I have PHP application that uses pdf2htmlEX and HTMLpurifier to convert pdf documents to text format. Conversion process consist of few steps:
1. uploading book using web browser
2. conversion from pdf to txt using pdf2htmlex
3. processing txt files using HTMLPurifer
For most of the documents everything works properly but for some documents with a lot of pages (more than 230) step 3 fails. While HTMLpurifier processes page it raises error: "PHP Fatal error: Maximum execution time of 0 seconds exceeded". In my configuration max_execution_time is set to 0. I've attached strace to Apache process and here's the output just before termination:
lstat("/tmp/books/3349/html/78.page", {st_mode=S_IFREG|0644, st_size=40165, ...}) = 0
open("/tmp/books/3349/html/78.page", O_RDONLY) = 20
fstat(20, {st_mode=S_IFREG|0644, st_size=40165, ...}) = 0
lseek(20, 0, SEEK_CUR) = 0
fstat(20, {st_mode=S_IFREG|0644, st_size=40165, ...}) = 0
read(20, "<div class=\"pd w1 h1\"><div id=\"p"..., 8192) = 8192
read(20, "AACAsAQAAQFgCAAAgLAEAABCWAAAACEs"..., 8192) = 8192
read(20, "7\"><span class=\"_ _1f\"> </span>F"..., 8192) = 8192
read(20, "class=\"_ _8\"> </span>of<span cla"..., 8192) = 8192
read(20, "/span></div><div class=\"t m1 x7a"..., 8192) = 7397
read(20, "", 8192) = 0
read(20, "", 8192) = 0
close(20) = 0
lstat("/tmp/books/3349/text/78.txt", 0x7fff115a43f0) = -1 ENOENT (No such file or directory)

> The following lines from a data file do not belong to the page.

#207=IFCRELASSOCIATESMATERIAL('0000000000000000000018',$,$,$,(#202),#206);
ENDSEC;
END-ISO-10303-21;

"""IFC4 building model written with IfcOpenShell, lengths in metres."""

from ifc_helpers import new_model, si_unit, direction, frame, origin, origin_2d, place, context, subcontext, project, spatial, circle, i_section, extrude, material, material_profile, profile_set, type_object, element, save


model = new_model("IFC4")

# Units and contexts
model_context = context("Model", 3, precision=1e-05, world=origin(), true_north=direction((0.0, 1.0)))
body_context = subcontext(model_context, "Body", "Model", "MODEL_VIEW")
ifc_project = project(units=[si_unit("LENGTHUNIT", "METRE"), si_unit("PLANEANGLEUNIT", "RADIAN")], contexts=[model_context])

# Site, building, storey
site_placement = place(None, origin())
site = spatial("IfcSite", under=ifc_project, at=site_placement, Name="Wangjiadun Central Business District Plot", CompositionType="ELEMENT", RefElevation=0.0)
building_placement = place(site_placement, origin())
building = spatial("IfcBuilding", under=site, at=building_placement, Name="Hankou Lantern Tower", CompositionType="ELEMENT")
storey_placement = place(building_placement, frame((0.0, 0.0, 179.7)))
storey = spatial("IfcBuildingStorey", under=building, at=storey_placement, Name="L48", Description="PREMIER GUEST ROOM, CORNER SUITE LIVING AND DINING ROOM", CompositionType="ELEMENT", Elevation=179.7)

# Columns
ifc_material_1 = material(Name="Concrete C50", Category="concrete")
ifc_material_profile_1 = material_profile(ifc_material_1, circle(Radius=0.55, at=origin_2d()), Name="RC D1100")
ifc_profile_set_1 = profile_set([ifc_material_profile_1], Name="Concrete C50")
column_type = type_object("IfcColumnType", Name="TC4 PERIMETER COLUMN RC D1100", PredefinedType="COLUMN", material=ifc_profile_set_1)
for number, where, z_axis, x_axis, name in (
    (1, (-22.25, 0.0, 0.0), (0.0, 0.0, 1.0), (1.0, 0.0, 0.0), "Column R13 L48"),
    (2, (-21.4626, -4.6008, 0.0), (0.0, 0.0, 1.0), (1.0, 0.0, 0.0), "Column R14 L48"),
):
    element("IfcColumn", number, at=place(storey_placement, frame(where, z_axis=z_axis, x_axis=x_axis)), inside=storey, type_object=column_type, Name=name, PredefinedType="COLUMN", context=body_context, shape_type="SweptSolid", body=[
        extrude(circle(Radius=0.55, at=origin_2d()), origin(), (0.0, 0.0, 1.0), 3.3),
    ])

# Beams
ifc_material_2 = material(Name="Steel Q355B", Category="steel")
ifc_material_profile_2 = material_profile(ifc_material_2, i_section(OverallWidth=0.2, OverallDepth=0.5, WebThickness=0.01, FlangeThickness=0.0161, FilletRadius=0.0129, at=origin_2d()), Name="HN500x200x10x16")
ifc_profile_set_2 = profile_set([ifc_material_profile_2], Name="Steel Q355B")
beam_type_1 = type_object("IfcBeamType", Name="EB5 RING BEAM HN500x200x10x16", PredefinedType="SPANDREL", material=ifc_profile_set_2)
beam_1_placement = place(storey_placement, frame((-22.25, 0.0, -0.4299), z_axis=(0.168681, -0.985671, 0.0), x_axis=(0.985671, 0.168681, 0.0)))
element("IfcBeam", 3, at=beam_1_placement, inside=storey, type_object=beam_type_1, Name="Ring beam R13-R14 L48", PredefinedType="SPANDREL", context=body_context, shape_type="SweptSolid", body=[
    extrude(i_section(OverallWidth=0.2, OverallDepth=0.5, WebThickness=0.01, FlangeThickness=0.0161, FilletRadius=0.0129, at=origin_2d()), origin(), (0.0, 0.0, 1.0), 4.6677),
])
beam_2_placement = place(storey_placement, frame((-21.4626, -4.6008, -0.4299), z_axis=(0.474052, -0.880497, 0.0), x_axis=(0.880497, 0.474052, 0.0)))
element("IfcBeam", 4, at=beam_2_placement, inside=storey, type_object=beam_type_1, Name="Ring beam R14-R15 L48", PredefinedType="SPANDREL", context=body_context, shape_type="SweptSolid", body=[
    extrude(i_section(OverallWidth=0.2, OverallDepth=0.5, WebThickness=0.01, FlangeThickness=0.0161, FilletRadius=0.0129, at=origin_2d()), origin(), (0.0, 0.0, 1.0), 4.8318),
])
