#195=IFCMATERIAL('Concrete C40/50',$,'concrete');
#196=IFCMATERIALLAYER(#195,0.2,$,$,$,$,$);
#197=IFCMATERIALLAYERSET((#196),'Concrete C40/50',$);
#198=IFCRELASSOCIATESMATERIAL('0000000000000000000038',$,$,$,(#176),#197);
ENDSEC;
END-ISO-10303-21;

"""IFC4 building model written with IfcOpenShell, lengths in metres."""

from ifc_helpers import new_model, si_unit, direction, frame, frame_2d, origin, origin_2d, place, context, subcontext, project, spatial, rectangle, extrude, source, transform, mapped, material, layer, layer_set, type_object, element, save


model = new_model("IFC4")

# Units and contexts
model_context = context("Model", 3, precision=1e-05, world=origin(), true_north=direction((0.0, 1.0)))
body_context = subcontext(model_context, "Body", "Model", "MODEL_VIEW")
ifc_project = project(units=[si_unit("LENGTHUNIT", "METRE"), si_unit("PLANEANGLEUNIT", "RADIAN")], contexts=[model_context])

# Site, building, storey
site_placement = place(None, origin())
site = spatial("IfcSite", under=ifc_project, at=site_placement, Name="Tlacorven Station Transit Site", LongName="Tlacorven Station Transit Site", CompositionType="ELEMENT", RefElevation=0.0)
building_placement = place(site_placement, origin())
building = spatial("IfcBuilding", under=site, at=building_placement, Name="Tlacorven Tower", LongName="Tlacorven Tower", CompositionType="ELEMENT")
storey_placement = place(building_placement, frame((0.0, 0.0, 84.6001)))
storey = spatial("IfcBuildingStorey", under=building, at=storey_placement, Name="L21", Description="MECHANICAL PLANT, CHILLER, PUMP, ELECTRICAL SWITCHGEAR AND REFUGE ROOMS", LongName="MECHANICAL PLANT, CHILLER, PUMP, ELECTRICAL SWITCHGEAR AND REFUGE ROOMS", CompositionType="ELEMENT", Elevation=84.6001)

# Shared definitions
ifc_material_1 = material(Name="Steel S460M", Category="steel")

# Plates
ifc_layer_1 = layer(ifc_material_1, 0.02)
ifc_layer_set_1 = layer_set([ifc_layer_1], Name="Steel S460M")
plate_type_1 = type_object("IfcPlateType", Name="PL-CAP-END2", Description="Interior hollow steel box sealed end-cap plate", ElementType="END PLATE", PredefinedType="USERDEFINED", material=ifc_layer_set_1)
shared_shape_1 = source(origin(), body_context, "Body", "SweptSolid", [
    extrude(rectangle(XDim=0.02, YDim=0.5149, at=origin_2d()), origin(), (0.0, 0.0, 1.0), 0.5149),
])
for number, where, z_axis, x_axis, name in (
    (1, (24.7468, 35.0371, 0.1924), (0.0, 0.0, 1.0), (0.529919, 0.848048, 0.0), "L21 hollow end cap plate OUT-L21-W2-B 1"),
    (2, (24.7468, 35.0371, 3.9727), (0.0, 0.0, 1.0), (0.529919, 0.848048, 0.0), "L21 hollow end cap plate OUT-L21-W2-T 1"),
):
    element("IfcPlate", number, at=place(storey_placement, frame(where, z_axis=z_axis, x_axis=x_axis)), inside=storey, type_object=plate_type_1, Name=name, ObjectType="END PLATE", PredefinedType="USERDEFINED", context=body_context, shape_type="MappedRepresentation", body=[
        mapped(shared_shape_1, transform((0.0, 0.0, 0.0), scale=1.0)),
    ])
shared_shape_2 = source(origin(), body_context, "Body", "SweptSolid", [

open("/tmp/books/3349/text/78.txt", O_WRONLY|O_CREAT|O_TRUNC, 0666) = 20
fstat(20, {st_mode=S_IFREG|0644, st_size=0, ...}) = 0
lseek(20, 0, SEEK_CUR) = 0
write(20, "66 2. TOPOSESa \357\254\201xed space is a"..., 2157) = 2157
close(20) = 0
lstat("/tmp/books/3349/html/79.page", {st_mode=S_IFREG|0644, st_size=48214, ...}) = 0
open("/tmp/books/3349/html/79.page", O_RDONLY) = 20
fstat(20, {st_mode=S_IFREG|0644, st_size=48214, ...}) = 0
lseek(20, 0, SEEK_CUR) = 0
fstat(20, {st_mode=S_IFREG|0644, st_size=48214, ...}) = 0
read(20, "<div class=\"pd w1 h1\"><div id=\"p"..., 8192) = 8192
read(20, "AWAIAACAsAQAAYN5hAoBPSWIEdtXWCAD"..., 8192) = 8192
read(20, "=\"_ _0\"></span>oof<span class=\"f"..., 8192) = 8192
read(20, "c\"></span>).</span></div><div cl"..., 8192) = 8192
read(20, "lass=\"_ _23\"> </span>sho<span cl"..., 8192) = 8192
read(20, "ls0 ws0 r0\">F<span class=\"ff4\"><"..., 8192) = 7254
read(20, "", 8192) = 0
read(20, "", 8192) = 0
close(20) = 0
--- SIGPROF (Profiling timer expired) @ 0 (0) ---
What's interesting - I have two environments in the same system configuration - one in AWS and another VM in VirtualBox. Both have Ubuntu 12.04 + Apache 2.2 + PHP 5.4.13, configuration setting are the same, but problem occurs only on AWS node. Any idea?